Todavia, é provável que Jesus tenha nascido no ano 4 ou 6 a. C. e tenha morrido no ano 30 da era cristã. Durante a celebração da Páscoa no ano 30 d.C., a última ceia teria sido celebrada a 6 de Abril, Quinta-feira (13 de Nisan) e Jesus teria sido crucificado a 7 de Abril, Sexta-feira (14 de Nisan), nas proximidades de Getsemani.

Jesus, sabendo aparentemente que a sua hora estava próxima, caiu num estado de profunda angústia e, conforme nos descreve Lucas, apóstolo e médico, o seu suor transformou-se como que em sangue.

Embora seja um fenómeno extraordinariamente raro, esta situação (hematidrose ou hemohidrose), pode ocorrer em estados emocionais extremos, ou em indivíduos que sofrem de graves perturbações hemorrágicas.

Assim, em consequência de hemorragias nas glândulas sudoríparas, a pele torna-se frágil e delicada. A descrição de Lucas identifica-se mais com o diagnóstico de hematidrose do que com a de cromidrose ecrina (suor de cor castanha ou verde amarelada) ou com o da estigmatização (aparecimento de gotas de sangue nas palmas das mãos e noutras partes do corpo).

Embora alguns autores tenham sugerido que a hematidrose produziu a hipovolémia, nós perfilhamos o opinião de Bucklin, segundo a qual a perda de sangue que Jesus sofreu foi, provavelmente, mínima. Todavia, o ar frígido da noite pode Ter contribuído para um esto de resfriamento.

Julgamentos de Jesus

Logo após a meia-noite, Jesus foi preso em Getsamani por guardas do templo e levado, primeiro, à presença de Anás e depois à de Caifás, o sumo sacerdote judeu, nomeado para esse ano (Fig. 1)

Entre a uma da manhã e o romper da madrugada, Jesus foi julgado na presença de Caifás e perante o sinédrio político, tendo sido condenado por blasfémia.

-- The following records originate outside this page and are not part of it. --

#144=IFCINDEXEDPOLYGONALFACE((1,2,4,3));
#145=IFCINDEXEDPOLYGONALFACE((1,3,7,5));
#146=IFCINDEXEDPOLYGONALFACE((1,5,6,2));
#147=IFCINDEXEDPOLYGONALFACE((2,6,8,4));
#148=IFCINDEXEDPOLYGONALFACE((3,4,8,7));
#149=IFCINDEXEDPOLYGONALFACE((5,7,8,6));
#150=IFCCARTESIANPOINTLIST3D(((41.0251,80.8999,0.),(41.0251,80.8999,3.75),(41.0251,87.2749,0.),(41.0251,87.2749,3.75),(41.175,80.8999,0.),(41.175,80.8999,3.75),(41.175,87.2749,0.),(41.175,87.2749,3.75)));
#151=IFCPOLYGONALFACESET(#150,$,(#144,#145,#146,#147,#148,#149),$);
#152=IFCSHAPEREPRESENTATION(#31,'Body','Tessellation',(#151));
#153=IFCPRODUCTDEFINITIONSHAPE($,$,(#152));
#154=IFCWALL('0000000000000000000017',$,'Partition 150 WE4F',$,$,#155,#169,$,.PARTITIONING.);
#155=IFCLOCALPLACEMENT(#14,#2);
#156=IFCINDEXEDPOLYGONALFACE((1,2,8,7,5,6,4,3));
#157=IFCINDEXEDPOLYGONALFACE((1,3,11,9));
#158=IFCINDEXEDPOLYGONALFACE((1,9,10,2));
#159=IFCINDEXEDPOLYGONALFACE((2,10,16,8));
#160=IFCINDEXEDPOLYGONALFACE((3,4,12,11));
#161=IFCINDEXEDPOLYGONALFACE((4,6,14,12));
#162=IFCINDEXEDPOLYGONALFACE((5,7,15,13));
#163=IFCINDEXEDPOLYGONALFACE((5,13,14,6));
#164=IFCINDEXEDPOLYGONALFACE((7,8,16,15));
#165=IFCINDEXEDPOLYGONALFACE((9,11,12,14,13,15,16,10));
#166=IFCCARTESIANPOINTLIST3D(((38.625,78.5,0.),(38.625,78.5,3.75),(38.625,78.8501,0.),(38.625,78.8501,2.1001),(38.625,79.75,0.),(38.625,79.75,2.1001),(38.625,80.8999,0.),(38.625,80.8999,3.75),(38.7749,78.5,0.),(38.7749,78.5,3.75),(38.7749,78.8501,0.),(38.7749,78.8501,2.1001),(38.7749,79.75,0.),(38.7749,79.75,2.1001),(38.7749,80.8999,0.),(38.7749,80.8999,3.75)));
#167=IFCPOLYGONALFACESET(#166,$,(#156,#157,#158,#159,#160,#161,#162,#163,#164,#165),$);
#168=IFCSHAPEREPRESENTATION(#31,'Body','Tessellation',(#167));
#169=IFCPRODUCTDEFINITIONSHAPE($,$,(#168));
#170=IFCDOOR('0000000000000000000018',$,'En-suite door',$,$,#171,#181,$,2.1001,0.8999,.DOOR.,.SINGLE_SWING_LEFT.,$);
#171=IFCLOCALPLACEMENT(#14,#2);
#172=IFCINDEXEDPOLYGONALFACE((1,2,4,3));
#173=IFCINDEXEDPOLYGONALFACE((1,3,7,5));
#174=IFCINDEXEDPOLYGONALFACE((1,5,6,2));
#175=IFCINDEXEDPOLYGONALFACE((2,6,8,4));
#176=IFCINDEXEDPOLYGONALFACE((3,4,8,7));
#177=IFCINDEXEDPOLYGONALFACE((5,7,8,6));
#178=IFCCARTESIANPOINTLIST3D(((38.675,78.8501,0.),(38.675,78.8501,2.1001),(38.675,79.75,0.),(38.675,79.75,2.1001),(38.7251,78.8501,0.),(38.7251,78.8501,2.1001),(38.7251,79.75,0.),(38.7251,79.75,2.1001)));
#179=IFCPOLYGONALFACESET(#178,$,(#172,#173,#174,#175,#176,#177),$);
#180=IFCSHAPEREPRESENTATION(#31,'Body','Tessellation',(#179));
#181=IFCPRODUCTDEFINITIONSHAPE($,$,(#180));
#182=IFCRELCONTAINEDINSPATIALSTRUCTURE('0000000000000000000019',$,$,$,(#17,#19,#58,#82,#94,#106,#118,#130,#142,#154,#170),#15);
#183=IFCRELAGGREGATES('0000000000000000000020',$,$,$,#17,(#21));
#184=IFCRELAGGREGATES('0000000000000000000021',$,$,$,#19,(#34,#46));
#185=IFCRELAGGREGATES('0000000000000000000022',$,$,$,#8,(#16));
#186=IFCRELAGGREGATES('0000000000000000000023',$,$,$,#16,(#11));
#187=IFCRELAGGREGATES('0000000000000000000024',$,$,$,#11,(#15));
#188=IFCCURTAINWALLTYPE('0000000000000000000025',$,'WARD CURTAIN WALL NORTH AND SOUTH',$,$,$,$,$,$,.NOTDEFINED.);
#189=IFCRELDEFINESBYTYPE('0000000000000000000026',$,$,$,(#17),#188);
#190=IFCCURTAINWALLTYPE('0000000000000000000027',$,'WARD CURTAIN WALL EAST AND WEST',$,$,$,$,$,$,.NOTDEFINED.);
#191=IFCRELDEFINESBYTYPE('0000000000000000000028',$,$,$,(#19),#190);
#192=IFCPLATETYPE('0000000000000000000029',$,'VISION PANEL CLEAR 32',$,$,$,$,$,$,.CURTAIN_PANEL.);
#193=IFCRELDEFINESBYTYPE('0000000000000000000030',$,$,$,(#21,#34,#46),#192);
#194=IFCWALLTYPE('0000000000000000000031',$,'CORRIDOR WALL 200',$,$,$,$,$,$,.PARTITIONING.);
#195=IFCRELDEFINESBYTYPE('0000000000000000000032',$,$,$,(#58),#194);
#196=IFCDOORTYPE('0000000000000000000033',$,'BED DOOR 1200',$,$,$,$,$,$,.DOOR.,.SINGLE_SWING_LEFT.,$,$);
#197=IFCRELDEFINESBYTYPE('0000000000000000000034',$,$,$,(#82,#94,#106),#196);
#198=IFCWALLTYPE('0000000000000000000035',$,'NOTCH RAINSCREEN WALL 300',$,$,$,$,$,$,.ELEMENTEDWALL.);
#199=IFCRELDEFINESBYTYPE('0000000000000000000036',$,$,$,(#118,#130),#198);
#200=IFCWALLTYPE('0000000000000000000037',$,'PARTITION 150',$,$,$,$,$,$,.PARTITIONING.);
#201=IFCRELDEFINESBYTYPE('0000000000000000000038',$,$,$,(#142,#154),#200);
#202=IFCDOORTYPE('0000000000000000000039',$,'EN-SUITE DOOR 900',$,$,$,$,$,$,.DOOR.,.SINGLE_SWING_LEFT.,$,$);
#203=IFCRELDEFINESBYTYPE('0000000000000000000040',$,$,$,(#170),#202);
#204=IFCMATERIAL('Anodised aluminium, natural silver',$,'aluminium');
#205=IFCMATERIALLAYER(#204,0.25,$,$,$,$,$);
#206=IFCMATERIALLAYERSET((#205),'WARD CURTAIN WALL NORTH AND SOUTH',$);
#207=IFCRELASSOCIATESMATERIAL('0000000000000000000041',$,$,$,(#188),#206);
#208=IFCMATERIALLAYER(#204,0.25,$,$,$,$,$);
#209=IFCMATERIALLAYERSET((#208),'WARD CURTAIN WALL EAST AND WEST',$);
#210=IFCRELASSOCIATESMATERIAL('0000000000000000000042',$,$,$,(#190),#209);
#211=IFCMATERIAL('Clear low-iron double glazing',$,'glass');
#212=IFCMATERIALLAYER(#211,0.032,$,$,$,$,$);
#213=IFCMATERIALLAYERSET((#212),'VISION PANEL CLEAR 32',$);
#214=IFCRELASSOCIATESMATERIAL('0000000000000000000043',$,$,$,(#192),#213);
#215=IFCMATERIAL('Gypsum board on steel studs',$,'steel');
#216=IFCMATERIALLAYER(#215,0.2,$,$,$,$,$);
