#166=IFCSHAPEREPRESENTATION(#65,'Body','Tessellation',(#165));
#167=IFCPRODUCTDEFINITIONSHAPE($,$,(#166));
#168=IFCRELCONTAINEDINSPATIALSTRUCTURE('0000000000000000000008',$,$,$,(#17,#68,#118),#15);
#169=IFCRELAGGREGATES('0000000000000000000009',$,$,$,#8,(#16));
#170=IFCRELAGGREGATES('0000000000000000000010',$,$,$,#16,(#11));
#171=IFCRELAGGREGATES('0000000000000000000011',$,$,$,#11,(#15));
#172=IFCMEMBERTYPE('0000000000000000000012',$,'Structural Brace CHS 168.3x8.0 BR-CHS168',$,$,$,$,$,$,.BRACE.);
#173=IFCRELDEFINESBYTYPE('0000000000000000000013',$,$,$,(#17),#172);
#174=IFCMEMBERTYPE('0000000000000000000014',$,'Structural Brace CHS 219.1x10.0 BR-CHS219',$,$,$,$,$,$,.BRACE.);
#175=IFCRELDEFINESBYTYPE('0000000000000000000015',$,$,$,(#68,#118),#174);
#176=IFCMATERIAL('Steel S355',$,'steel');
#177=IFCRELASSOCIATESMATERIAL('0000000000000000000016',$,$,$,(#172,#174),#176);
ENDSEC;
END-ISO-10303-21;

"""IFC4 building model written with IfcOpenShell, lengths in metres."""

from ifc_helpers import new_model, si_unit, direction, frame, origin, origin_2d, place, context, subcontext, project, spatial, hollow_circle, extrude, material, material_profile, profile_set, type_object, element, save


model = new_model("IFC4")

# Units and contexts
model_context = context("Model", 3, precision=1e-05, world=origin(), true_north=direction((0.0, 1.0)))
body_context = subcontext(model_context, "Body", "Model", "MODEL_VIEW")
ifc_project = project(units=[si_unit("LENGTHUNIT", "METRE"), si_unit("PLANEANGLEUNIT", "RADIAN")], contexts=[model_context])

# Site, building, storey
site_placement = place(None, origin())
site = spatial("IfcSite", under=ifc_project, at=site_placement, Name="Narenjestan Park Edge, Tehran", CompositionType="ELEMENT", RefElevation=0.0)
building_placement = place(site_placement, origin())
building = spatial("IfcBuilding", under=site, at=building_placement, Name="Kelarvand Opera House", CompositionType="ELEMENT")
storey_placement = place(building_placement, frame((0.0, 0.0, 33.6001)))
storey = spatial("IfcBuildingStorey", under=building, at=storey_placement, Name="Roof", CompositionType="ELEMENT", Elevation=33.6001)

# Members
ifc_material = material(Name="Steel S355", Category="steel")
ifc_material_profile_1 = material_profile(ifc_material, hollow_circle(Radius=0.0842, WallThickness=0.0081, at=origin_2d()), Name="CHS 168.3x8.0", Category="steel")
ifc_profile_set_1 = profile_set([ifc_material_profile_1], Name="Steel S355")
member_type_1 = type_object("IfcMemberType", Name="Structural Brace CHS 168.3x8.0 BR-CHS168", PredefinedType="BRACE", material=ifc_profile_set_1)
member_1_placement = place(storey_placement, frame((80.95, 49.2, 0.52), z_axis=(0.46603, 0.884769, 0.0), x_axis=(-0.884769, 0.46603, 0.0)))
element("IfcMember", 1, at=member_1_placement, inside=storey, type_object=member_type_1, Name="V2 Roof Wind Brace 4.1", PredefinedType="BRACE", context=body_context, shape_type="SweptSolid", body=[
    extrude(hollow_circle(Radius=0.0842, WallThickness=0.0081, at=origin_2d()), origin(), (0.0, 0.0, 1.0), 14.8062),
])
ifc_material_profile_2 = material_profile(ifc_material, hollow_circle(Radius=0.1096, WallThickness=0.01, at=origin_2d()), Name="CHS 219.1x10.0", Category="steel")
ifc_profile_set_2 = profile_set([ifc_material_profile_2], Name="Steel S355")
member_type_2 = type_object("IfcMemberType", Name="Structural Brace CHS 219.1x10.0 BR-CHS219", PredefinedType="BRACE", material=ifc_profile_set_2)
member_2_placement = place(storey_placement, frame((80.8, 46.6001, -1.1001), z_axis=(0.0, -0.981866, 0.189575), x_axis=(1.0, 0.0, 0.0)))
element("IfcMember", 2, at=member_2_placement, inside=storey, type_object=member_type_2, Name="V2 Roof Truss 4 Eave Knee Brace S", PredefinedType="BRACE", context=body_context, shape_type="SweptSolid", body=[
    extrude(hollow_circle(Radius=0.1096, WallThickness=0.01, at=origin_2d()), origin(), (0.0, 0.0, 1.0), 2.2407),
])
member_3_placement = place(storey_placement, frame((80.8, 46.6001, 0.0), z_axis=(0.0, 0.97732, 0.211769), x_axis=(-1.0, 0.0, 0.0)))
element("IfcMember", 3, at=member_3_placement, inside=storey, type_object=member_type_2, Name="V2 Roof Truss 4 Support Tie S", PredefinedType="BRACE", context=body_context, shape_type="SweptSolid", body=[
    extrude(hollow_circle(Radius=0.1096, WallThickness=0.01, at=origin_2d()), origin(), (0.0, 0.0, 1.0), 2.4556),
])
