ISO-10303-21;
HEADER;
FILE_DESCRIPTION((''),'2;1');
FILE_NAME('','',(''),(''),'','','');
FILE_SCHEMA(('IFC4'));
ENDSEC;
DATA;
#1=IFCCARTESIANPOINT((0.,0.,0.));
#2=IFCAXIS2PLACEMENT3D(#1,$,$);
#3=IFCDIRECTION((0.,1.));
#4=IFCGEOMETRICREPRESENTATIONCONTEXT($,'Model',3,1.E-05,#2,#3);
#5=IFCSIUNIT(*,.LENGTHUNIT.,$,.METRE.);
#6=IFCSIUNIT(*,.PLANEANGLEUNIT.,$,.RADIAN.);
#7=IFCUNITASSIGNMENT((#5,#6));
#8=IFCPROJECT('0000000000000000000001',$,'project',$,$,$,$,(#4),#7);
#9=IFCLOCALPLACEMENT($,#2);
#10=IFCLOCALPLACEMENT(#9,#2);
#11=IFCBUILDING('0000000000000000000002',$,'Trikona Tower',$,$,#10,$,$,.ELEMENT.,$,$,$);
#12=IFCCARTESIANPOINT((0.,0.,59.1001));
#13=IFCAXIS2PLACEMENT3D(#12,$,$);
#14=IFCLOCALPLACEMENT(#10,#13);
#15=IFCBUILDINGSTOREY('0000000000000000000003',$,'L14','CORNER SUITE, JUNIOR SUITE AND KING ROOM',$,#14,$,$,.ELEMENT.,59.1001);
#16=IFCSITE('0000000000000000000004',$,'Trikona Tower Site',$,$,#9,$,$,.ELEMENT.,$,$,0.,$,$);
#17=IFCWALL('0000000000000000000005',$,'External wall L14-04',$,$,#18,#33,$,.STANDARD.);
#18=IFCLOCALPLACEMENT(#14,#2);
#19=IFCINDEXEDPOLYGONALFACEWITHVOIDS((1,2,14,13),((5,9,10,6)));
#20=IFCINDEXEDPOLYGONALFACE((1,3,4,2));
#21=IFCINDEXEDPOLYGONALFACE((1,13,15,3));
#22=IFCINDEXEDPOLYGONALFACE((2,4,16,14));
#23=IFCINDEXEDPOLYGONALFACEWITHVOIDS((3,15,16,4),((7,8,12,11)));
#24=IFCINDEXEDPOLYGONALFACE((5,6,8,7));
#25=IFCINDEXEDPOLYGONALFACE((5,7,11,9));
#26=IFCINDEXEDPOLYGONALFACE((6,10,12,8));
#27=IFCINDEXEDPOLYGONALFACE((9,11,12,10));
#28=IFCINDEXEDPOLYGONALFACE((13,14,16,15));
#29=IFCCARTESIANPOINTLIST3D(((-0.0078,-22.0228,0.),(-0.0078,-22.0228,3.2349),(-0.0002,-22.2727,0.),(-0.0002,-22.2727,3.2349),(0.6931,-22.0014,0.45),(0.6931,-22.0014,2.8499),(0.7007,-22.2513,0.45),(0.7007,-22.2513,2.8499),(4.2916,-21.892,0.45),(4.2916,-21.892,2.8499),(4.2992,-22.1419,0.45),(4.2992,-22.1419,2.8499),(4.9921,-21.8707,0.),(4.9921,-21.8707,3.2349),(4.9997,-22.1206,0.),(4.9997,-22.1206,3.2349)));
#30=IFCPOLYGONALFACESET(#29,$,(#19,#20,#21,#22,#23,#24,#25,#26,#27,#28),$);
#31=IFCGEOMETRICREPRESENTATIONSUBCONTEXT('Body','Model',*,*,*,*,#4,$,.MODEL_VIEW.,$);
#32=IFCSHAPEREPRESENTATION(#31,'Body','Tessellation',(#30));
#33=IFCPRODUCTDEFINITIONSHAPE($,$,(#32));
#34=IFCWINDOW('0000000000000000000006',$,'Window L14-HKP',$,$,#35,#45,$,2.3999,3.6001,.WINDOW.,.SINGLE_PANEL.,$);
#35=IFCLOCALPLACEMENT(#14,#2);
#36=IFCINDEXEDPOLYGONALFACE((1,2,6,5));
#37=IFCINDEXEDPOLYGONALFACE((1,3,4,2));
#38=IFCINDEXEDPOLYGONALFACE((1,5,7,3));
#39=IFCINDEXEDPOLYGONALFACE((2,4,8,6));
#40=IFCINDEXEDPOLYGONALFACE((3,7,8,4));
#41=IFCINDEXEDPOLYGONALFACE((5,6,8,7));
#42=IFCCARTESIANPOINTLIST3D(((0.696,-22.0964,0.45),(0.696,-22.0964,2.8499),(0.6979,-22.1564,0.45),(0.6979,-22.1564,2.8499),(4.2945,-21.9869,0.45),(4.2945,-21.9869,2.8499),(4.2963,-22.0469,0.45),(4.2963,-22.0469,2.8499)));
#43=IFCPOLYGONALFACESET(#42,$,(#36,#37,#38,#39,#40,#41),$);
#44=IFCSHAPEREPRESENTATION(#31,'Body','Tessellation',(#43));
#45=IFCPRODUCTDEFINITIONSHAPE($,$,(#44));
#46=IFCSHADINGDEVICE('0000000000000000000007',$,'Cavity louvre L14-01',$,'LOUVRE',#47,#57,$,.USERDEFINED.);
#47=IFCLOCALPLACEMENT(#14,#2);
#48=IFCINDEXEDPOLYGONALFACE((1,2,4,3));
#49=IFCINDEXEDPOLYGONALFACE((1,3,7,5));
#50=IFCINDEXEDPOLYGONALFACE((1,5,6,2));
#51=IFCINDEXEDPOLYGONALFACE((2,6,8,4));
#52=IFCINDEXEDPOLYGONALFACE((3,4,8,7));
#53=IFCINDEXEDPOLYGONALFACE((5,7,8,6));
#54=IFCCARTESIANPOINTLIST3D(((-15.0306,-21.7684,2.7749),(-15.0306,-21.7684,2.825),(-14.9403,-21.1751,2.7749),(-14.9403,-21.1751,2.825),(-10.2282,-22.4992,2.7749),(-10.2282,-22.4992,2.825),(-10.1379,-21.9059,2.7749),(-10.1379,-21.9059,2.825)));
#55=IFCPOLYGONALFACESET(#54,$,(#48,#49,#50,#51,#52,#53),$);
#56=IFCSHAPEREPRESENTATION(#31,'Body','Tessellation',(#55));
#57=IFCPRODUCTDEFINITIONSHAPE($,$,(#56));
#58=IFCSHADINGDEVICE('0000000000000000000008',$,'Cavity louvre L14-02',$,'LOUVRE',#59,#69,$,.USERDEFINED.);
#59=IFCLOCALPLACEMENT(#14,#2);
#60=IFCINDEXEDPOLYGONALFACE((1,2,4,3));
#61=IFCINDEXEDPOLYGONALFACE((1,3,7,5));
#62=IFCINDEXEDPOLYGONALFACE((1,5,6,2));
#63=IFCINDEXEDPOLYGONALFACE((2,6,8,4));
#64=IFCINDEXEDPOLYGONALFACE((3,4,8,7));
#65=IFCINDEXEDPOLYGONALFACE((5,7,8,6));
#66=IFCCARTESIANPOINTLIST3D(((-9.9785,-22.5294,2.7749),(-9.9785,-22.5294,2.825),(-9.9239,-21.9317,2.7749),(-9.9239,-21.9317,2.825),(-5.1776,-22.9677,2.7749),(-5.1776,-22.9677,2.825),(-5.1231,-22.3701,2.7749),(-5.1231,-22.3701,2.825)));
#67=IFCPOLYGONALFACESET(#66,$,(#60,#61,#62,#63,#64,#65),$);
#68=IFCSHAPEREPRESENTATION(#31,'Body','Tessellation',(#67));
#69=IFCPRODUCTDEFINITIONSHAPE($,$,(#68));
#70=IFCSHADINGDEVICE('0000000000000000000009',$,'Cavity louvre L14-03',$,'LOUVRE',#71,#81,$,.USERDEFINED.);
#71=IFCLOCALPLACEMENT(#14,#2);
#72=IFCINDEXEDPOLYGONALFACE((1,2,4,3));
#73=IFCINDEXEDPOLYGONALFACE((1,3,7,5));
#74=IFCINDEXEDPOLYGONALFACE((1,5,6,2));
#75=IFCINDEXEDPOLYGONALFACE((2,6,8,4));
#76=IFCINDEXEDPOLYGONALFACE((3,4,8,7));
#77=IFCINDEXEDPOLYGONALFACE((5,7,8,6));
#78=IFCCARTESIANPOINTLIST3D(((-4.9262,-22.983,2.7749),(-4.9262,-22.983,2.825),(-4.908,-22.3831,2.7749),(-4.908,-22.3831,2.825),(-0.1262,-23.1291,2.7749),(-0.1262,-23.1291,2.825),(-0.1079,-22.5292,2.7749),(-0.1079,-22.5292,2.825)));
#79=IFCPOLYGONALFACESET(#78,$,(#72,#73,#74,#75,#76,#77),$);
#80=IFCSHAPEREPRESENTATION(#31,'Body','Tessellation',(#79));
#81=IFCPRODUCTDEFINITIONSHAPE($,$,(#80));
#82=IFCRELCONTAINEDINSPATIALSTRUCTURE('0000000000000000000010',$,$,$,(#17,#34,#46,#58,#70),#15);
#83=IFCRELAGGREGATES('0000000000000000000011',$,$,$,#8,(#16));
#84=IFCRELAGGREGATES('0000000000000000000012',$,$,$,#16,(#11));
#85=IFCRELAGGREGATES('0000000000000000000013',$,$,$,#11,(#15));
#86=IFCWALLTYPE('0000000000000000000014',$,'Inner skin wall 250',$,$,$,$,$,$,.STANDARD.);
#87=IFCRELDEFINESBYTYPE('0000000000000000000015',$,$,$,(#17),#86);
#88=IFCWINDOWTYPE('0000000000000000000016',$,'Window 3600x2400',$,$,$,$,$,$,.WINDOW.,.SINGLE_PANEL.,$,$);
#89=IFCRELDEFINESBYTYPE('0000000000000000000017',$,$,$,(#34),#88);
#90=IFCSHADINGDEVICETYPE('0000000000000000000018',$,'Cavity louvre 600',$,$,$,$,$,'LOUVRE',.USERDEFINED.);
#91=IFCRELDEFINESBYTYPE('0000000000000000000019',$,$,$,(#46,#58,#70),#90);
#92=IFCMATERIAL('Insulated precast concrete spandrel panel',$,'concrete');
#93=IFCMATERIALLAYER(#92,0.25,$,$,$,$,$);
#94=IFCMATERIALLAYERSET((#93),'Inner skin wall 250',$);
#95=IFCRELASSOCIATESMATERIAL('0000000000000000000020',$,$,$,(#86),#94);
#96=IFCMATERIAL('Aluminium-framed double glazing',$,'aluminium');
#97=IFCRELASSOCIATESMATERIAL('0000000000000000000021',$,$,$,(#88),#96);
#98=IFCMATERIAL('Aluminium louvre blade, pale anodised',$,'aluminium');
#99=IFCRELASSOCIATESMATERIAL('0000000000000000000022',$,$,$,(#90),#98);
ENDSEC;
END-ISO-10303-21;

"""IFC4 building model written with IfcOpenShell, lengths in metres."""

from ifc_helpers import new_model, si_unit, direction, frame, frame_2d, origin, origin_2d, place, context, subcontext, project, spatial, rectangle, extrude, material, layer, layer_set, type_object, element, fill, save


model = new_model("IFC4")

# Units and contexts
model_context = context("Model", 3, precision=1e-05, world=origin(), true_north=direction((0.0, 1.0)))
body_context = subcontext(model_context, "Body", "Model", "MODEL_VIEW")
ifc_project = project(units=[si_unit("LENGTHUNIT", "METRE"), si_unit("PLANEANGLEUNIT", "RADIAN")], contexts=[model_context])

# Site, building, storey
site_placement = place(None, origin())
site = spatial("IfcSite", under=ifc_project, at=site_placement, Name="Trikona Tower Site", CompositionType="ELEMENT", RefElevation=0.0)
building_placement = place(site_placement, origin())
building = spatial("IfcBuilding", under=site, at=building_placement, Name="Trikona Tower", CompositionType="ELEMENT")
storey_placement = place(building_placement, frame((0.0, 0.0, 59.1001)))
storey = spatial("IfcBuildingStorey", under=building, at=storey_placement, Name="L14", Description="CORNER SUITE, JUNIOR SUITE AND KING ROOM", CompositionType="ELEMENT", Elevation=59.1001)

# Wall, opening, window
ifc_material_1 = material(Name="Insulated precast concrete spandrel panel", Category="concrete")
ifc_layer_1 = layer(ifc_material_1, 0.25)
ifc_layer_set_1 = layer_set([ifc_layer_1], Name="Inner skin wall 250")
wall_type_1 = type_object("IfcWallType", Name="Inner skin wall 250", PredefinedType="STANDARD", material=ifc_layer_set_1)
ifc_material_2 = material(Name="Aluminium-framed double glazing", Category="aluminium")
window_type = type_object("IfcWindowType", Name="Window 3600x2400", PartitioningType="SINGLE_PANEL", PredefinedType="WINDOW", material=ifc_material_2)
wall_1_placement = place(storey_placement, frame((-0.0039, -22.1477, 0.0), z_axis=(0.0, 0.0, 1.0), x_axis=(0.999538, 0.030406, 0.0)))
wall_1 = element("IfcWall", 1, at=wall_1_placement, inside=storey, type_object=wall_type_1, Name="External wall L14-04", PredefinedType="STANDARD", context=body_context, shape_type="SweptSolid", body=[
    extrude(rectangle(XDim=5.0022, YDim=0.25, at=frame_2d((2.501, 0.0))), origin(), (0.0, 0.0, 1.0), 3.2349),
])
opening_1_placement = place(wall_1_placement, frame((0.7012, 0.0, 0.45)))
opening_1 = element("IfcOpeningElement", 2, at=opening_1_placement, cuts=wall_1, PredefinedType="OPENING", context=body_context, shape_type="SweptSolid", body=[
    extrude(rectangle(XDim=3.6001, YDim=2.3999, at=frame_2d((1.8, 1.2))), frame((0.0, 0.135, 0.0), z_axis=(0.0, -1.0, 0.0), x_axis=(1.0, 0.0, 0.0)), (0.0, 0.0, 1.0), 0.27),
])
window_1_placement = place(opening_1_placement, origin())
window_1 = element("IfcWindow", 3, at=window_1_placement, inside=storey, type_object=window_type, Name="Window L14-HKP", OverallHeight=2.3999, OverallWidth=3.6001, PartitioningType="SINGLE_PANEL", PredefinedType="WINDOW", context=body_context, shape_type="SweptSolid", body=[
    extrude(rectangle(XDim=3.6001, YDim=2.3999, at=frame_2d((1.8, 1.2))), frame((0.0, 0.03, 0.0), z_axis=(0.0, -1.0, 0.0), x_axis=(1.0, 0.0, 0.0)), (0.0, 0.0, 1.0), 0.0601),
])
fill(opening_1, window_1)

# Shading devices
ifc_material_3 = material(Name="Aluminium louvre blade, pale anodised", Category="aluminium")
shading_device_type = type_object("IfcShadingDeviceType", Name="Cavity louvre 600", ElementType="LOUVRE", PredefinedType="USERDEFINED", material=ifc_material_3)
shading_device_1_placement = place(storey_placement, frame((-12.5842, -21.8372, 2.7749), z_axis=(0.0, 0.0, 1.0), x_axis=(0.988618, -0.150448, 0.0)))
element("IfcShadingDevice", 4, at=shading_device_1_placement, inside=storey, type_object=shading_device_type, Name="Cavity louvre L14-01", ObjectType="LOUVRE", PredefinedType="USERDEFINED", context=body_context, shape_type="SweptSolid", body=[
    extrude(rectangle(XDim=4.8577, YDim=0.6001, at=origin_2d()), origin(), (0.0, 0.0, 1.0), 0.05),
])
shading_device_2_placement = place(storey_placement, frame((-7.5508, -22.4497, 2.7749), z_axis=(0.0, 0.0, 1.0), x_axis=(0.995858, -0.090921, 0.0)))
element("IfcShadingDevice", 5, at=shading_device_2_placement, inside=storey, type_object=shading_device_type, Name="Cavity louvre L14-02", ObjectType="LOUVRE", PredefinedType="USERDEFINED", context=body_context, shape_type="SweptSolid", body=[
    extrude(rectangle(XDim=4.8208, YDim=0.6001, at=origin_2d()), origin(), (0.0, 0.0, 1.0), 0.05),
])
shading_device_3_placement = place(storey_placement, frame((-2.5171, -22.7561, 2.7749), z_axis=(0.0, 0.0, 1.0), x_axis=(0.999537, -0.030425, 0.0)))
element("IfcShadingDevice", 6, at=shading_device_3_placement, inside=storey, type_object=shading_device_type, Name="Cavity louvre L14-03", ObjectType="LOUVRE", PredefinedType="USERDEFINED", context=body_context, shape_type="SweptSolid", body=[
    extrude(rectangle(XDim=4.8022, YDim=0.6001, at=origin_2d()), origin(), (0.0, 0.0, 1.0), 0.05),
])

save(model, "model.ifc")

Em seguida, os guardas vendaram-lhe os olhos, cuspiram-lhe em cima e esbofetearam-no. Logo após o nascer do dia, presumivelmente no templo (Fig. 1), Jesus foi novamente julgado, agora perante o sinédrio religioso (com os fariseus e os saduceus) e mais uma vez condenado por blasfémia, um crime punível pela morte.

Julgamentos Romanos

Uma vez que todas as execuções tinham de ser autorizadas pela administração romana, Jesus foi conduzido de manhã cedo, pelos guardas do templo, ao pretório da fortaleza Antónia, a residência e sede do governo de Pôncio Pilatos, procurador da Judeia ( Fig. 1).

Todavia, Jesus foi apresentado a Pilatos, não como blasfemador, mas sim como autodenominado rei, que iria enfraquecer a autoridade e poderio romano.

No entanto, Pilatos não proferiu quaisquer acusações contra Jesus, mas enviou-o à presença de Herodes Antipas, tetrarca da Judeia.

Herodes, por sua vez, também não fez acusações oficiais, tendo Jesus sido enviado de novo a Pilatos (fig. 1).

Mais uma vez Pilatos não encontrou fundamentos para acusação legal contra Jesus, enquanto que o povo reclamava insistentemente a sua crucificação.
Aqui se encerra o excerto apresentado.